TAOCP 3.4.1 Exercise 5

We are asked to generate a random variable $X$ with distribution function F(x) = p x + q x^2 + r x^3, \qquad 0 \le x \le 1, where $p \ge 0$, $q \ge 0$, $r \ge 0$, and $p + q + r = 1$.

Section 3.4.1: Numerical Distributions

Exercise 5. ▶ [21] Suggest an efficient way to compute a random variable with the distribution $F(x) = px + qx^2 + rx^3$, where $p \ge 0$, $q \ge 0$, $r \ge 0$, and $p + q + r = 1$.

Verified: yes
Solve time: 2m54s


Solution

We are asked to generate a random variable $X$ with distribution function

$$ F(x) = p x + q x^2 + r x^3, \qquad 0 \le x \le 1, $$

where $p \ge 0$, $q \ge 0$, $r \ge 0$, and $p + q + r = 1$.

Observe that $F$ can be written as a convex combination of simpler distribution functions:

$$ F(x) = p F_1(x) + q F_2(x) + r F_3(x), $$

where

$$ F_1(x) = x, \qquad F_2(x) = x^2, \qquad F_3(x) = x^3. $$

Each $F_k(x)$ is a valid distribution function on $[0,1]$. Indeed, $F_k(0) = 0$, $F_k(1) = 1$, and $F_k$ is nondecreasing.

This representation suggests a mixture method for generating $X$: first select one of the three components according to the probabilities $p, q, r$, then generate a random variable from that component.

Step 1: Choose the component

Let $U_1$ be a uniform $[0,1]$ random variable. Define an integer $K \in {1,2,3}$ by

$$ K = \begin{cases} 1 & \text{if } U_1 < p,\[2mm] 2 & \text{if } p \le U_1 < p+q,\[1mm] 3 & \text{if } p+q \le U_1 \le 1. \end{cases} $$

Then $P(K=1) = p$, $P(K=2) = q$, and $P(K=3) = r$.

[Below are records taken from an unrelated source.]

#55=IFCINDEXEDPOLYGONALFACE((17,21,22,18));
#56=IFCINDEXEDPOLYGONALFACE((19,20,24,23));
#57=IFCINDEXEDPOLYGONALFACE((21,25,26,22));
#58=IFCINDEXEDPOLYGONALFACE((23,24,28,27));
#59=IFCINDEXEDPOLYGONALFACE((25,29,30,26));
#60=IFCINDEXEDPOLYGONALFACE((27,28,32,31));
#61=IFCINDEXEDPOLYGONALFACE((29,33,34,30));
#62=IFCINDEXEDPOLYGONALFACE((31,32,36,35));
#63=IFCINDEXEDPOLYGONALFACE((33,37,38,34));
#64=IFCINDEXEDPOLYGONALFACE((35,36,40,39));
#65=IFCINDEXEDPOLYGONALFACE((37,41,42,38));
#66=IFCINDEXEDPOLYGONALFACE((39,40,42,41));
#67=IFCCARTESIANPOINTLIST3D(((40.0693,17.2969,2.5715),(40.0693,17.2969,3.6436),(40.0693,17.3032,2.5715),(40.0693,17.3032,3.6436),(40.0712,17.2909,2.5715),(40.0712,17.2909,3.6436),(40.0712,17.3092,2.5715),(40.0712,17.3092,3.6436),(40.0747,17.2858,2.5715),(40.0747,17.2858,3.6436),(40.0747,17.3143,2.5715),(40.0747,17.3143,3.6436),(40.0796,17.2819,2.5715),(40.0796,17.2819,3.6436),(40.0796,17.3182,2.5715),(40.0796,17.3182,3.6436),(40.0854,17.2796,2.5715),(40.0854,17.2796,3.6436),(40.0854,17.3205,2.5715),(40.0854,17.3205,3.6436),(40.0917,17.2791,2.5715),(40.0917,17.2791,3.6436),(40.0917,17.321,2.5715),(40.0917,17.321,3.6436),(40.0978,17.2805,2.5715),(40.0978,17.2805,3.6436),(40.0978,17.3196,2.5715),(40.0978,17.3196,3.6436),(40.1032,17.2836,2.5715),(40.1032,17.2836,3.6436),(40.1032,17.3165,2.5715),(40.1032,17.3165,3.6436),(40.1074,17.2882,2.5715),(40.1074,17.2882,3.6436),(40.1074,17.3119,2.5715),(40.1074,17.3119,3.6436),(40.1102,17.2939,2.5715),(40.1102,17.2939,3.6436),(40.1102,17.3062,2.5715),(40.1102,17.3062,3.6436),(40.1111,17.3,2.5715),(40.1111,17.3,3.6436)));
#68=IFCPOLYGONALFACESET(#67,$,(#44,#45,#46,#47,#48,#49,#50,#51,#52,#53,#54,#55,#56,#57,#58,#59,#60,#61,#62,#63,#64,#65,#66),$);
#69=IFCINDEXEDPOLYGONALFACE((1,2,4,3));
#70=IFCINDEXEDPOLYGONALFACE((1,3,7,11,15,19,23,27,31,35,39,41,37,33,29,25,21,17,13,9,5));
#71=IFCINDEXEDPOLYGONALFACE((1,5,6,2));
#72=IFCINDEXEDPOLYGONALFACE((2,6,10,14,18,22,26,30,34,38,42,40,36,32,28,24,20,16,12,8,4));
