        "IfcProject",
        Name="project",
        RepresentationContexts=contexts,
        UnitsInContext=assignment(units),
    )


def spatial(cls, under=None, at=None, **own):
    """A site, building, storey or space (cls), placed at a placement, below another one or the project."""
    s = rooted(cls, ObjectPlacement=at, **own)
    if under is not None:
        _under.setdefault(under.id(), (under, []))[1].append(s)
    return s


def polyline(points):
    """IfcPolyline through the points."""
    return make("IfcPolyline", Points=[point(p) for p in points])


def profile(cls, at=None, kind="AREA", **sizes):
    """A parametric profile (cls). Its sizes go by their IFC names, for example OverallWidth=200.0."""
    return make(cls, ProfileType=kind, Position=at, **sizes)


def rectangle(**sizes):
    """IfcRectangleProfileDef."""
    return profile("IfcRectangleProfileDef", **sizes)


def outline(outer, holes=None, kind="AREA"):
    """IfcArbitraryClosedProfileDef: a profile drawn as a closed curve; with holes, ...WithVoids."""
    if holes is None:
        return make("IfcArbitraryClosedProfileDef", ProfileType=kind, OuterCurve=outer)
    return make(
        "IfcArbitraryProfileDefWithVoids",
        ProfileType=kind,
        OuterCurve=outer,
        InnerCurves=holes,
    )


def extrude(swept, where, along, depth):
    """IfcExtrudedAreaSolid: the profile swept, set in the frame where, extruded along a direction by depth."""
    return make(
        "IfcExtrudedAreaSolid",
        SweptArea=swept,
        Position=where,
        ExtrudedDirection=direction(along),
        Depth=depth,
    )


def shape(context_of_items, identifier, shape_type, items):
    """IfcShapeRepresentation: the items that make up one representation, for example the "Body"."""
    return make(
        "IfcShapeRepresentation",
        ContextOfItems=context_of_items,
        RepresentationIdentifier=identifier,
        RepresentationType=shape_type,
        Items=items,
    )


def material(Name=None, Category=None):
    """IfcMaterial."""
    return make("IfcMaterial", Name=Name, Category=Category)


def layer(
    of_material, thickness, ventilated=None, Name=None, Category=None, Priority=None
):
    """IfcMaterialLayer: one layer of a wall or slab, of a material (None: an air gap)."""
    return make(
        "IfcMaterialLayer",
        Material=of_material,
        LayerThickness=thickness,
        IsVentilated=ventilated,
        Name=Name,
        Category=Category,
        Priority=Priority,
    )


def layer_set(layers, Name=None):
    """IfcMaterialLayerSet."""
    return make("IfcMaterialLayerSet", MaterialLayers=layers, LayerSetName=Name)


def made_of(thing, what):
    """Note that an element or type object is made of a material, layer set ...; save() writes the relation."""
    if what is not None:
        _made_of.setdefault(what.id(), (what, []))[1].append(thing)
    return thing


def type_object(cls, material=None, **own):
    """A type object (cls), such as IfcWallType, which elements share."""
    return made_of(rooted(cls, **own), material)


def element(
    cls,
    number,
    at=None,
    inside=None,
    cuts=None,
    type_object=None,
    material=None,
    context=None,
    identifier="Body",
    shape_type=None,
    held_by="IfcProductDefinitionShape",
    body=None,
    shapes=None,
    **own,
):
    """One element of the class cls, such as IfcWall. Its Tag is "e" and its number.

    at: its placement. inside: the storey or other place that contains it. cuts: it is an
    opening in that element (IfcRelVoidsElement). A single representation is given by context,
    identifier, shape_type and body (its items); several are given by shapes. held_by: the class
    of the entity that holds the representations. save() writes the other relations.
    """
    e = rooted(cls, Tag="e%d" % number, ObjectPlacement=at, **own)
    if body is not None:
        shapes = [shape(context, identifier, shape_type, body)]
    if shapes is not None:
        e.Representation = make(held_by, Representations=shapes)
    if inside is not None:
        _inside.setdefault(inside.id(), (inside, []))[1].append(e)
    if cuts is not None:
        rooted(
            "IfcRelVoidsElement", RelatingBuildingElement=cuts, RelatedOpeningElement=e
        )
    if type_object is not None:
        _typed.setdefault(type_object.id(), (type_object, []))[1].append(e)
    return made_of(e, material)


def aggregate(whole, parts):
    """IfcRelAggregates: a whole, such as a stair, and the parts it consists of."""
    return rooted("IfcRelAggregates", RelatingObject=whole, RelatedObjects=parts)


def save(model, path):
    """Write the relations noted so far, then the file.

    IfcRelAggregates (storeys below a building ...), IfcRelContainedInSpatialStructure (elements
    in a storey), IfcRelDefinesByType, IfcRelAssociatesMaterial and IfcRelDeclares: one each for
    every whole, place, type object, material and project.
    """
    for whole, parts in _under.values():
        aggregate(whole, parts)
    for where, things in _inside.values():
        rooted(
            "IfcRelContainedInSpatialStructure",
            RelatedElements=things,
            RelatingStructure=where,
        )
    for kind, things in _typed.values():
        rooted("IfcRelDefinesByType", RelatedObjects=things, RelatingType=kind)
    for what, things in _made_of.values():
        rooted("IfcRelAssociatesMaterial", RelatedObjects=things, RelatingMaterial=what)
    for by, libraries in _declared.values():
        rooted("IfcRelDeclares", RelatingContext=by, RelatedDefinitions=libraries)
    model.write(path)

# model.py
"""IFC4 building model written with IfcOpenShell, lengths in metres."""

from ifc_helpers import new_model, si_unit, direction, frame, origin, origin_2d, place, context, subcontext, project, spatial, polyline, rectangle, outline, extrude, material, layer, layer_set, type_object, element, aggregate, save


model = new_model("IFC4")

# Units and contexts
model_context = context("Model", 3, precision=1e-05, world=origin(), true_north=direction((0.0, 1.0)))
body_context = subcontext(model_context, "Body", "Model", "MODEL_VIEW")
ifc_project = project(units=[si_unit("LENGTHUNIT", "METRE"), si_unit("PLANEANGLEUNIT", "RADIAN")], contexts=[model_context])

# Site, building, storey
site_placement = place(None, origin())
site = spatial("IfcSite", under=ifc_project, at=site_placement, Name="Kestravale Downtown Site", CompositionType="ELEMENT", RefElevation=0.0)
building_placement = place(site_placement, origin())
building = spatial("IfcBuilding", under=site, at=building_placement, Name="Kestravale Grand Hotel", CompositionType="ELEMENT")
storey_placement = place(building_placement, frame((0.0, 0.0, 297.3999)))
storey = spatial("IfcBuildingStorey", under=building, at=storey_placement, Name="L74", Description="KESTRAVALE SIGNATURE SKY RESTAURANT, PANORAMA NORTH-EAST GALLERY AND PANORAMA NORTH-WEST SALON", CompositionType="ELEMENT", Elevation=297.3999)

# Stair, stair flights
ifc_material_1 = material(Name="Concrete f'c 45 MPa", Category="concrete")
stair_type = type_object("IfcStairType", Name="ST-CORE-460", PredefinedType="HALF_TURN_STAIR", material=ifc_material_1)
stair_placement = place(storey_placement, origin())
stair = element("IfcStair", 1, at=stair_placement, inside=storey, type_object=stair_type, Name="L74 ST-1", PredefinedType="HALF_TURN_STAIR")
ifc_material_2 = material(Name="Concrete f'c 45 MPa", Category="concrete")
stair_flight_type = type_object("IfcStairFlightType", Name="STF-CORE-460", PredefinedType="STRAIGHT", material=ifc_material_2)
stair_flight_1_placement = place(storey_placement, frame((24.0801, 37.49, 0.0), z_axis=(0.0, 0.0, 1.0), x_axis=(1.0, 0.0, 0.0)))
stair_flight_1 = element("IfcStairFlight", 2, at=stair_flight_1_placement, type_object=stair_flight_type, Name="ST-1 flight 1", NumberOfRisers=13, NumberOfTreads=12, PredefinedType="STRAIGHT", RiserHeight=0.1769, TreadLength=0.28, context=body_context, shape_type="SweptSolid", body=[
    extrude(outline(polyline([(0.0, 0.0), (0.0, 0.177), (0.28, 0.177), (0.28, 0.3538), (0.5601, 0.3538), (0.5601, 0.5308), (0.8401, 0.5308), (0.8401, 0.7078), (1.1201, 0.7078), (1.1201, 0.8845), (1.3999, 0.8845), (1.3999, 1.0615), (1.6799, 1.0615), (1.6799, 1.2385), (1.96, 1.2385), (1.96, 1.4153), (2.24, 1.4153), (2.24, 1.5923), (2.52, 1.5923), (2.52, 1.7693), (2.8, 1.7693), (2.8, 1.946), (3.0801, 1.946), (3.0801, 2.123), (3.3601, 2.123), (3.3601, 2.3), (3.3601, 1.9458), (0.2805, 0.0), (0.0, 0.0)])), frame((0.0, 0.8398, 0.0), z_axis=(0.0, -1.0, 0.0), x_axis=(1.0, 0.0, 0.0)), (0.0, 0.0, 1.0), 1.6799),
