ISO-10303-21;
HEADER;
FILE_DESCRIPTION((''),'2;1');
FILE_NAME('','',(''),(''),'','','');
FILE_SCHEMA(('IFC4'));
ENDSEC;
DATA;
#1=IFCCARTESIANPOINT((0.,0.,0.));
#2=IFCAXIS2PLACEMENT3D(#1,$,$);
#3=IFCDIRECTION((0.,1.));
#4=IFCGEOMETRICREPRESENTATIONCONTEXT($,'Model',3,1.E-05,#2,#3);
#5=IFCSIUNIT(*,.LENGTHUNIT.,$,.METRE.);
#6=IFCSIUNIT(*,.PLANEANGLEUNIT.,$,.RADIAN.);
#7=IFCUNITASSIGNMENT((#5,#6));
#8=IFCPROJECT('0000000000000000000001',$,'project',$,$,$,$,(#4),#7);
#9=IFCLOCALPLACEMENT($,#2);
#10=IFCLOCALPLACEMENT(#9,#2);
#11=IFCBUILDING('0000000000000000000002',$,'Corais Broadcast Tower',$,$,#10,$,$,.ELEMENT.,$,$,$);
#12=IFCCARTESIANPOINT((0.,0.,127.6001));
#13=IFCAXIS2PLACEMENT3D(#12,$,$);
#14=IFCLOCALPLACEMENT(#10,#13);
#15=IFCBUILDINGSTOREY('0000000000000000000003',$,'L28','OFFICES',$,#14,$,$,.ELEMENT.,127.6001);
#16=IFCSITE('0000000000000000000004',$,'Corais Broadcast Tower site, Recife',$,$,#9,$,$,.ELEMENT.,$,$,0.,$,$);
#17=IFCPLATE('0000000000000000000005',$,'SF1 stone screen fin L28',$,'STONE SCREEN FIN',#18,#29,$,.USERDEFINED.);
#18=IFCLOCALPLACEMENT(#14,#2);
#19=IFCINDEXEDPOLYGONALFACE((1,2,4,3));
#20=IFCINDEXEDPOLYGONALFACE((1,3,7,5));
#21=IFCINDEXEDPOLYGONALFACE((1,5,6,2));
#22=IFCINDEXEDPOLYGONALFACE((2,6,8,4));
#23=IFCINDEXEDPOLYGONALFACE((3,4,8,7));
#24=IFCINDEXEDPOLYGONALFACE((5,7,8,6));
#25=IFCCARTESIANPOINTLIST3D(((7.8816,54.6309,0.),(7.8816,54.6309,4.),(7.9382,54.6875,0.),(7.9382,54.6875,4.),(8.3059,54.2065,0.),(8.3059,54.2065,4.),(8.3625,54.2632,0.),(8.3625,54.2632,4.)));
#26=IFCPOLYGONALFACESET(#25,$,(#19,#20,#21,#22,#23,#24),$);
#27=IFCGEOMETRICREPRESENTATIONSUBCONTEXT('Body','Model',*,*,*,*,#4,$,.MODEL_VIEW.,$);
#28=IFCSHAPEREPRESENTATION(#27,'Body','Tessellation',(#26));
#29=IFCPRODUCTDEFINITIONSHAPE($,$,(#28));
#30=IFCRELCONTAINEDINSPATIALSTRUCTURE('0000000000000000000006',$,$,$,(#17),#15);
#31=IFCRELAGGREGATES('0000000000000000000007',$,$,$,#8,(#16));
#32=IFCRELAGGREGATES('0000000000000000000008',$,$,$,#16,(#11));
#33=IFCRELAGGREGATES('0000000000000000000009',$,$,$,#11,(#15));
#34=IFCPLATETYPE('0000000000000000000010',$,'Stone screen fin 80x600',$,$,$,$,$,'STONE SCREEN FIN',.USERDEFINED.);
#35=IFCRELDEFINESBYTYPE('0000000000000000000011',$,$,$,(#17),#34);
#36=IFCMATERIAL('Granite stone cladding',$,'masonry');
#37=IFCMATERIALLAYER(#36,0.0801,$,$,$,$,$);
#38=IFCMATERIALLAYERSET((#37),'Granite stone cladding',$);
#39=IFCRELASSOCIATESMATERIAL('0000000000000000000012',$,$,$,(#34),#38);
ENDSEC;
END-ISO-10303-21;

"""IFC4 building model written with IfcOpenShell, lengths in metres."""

from ifc_helpers import new_model, si_unit, direction, frame, origin, origin_2d, place, context, subcontext, project, spatial, rectangle, extrude, material, layer, layer_set, type_object, element, save


model = new_model("IFC4")

# Units and contexts
model_context = context("Model", 3, precision=1e-05, world=origin(), true_north=direction((0.0, 1.0)))
body_context = subcontext(model_context, "Body", "Model", "MODEL_VIEW")
ifc_project = project(units=[si_unit("LENGTHUNIT", "METRE"), si_unit("PLANEANGLEUNIT", "RADIAN")], contexts=[model_context])

# Site, building, storey
site_placement = place(None, origin())
site = spatial("IfcSite", under=ifc_project, at=site_placement, Name="Corais Broadcast Tower site, Recife", CompositionType="ELEMENT", RefElevation=0.0)
building_placement = place(site_placement, origin())
building = spatial("IfcBuilding", under=site, at=building_placement, Name="Corais Broadcast Tower", CompositionType="ELEMENT")
storey_placement = place(building_placement, frame((0.0, 0.0, 127.6001)))
storey = spatial("IfcBuildingStorey", under=building, at=storey_placement, Name="L28", Description="OFFICES", CompositionType="ELEMENT", Elevation=127.6001)

# Plate
ifc_material_1 = material(Name="Granite stone cladding", Category="masonry")
ifc_layer_1 = layer(ifc_material_1, 0.0801)
ifc_layer_set_1 = layer_set([ifc_layer_1], Name="Granite stone cladding")
plate_type_1 = type_object("IfcPlateType", Name="Stone screen fin 80x600", ElementType="STONE SCREEN FIN", PredefinedType="USERDEFINED", material=ifc_layer_set_1)
for number, where, z_axis, x_axis, name in (
    (1, (8.1221, 54.447, 0.0), (0.0, 0.0, 1.0), (0.707107, 0.707107, 0.0), "SF1 stone screen fin L28"),
):
    element("IfcPlate", number, at=place(storey_placement, frame(where, z_axis=z_axis, x_axis=x_axis)), inside=storey, type_object=plate_type_1, Name=name, ObjectType="STONE SCREEN FIN", PredefinedType="USERDEFINED", context=body_context, shape_type="SweptSolid", body=[
        extrude(rectangle(XDim=0.0801, YDim=0.6001, at=origin_2d()), origin(), (0.0, 0.0, 1.0), 4.0),
    ])

save(model, "model.ifc")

Step 2: Generate the corresponding variable

Let $U_2$ be an independent uniform $[0,1]$ random variable. Define

$$ X = U_2^{1/K}. $$

Then for each fixed $K=k$,

$$ P(X \le x \mid K=k) = P(U_2^{1/k} \le x) = P(U_2 \le x^k) = x^k = F_k(x), \qquad 0 \le x \le 1. $$

By the law of total probability, the unconditional distribution of $X$ is

$$ P(X \le x) = \sum_{k=1}^3 P(K=k) P(X \le x \mid K=k) = p x + q x^2 + r x^3 = F(x), $$

as required.

Step 3: Efficiency

This method is efficient because it requires:

  1. Generation of two uniform random variables $U_1$ and $U_2$,
  2. One comparison to select $K$,
  3. One fractional power computation $U_2^{1/K}$.

No cubic equation solving, no square roots or cube roots beyond $1/2$ or $1/3$, and no evaluation of Cardano's formula is necessary. This is much simpler and faster than the generic inversion method.

Step 4: Special cases

  • If $r = 0$, then $K \in {1,2}$ with probabilities $p, q$, and $X = U_2^{1/K}$ reduces accordingly.
  • If $r = q = 0$, then $K=1$ with probability 1, so $X = U_2$.
  • These cases are automatically handled by the mixture construction.

This construction produces a random variable with the desired distribution $F(x)$ efficiently.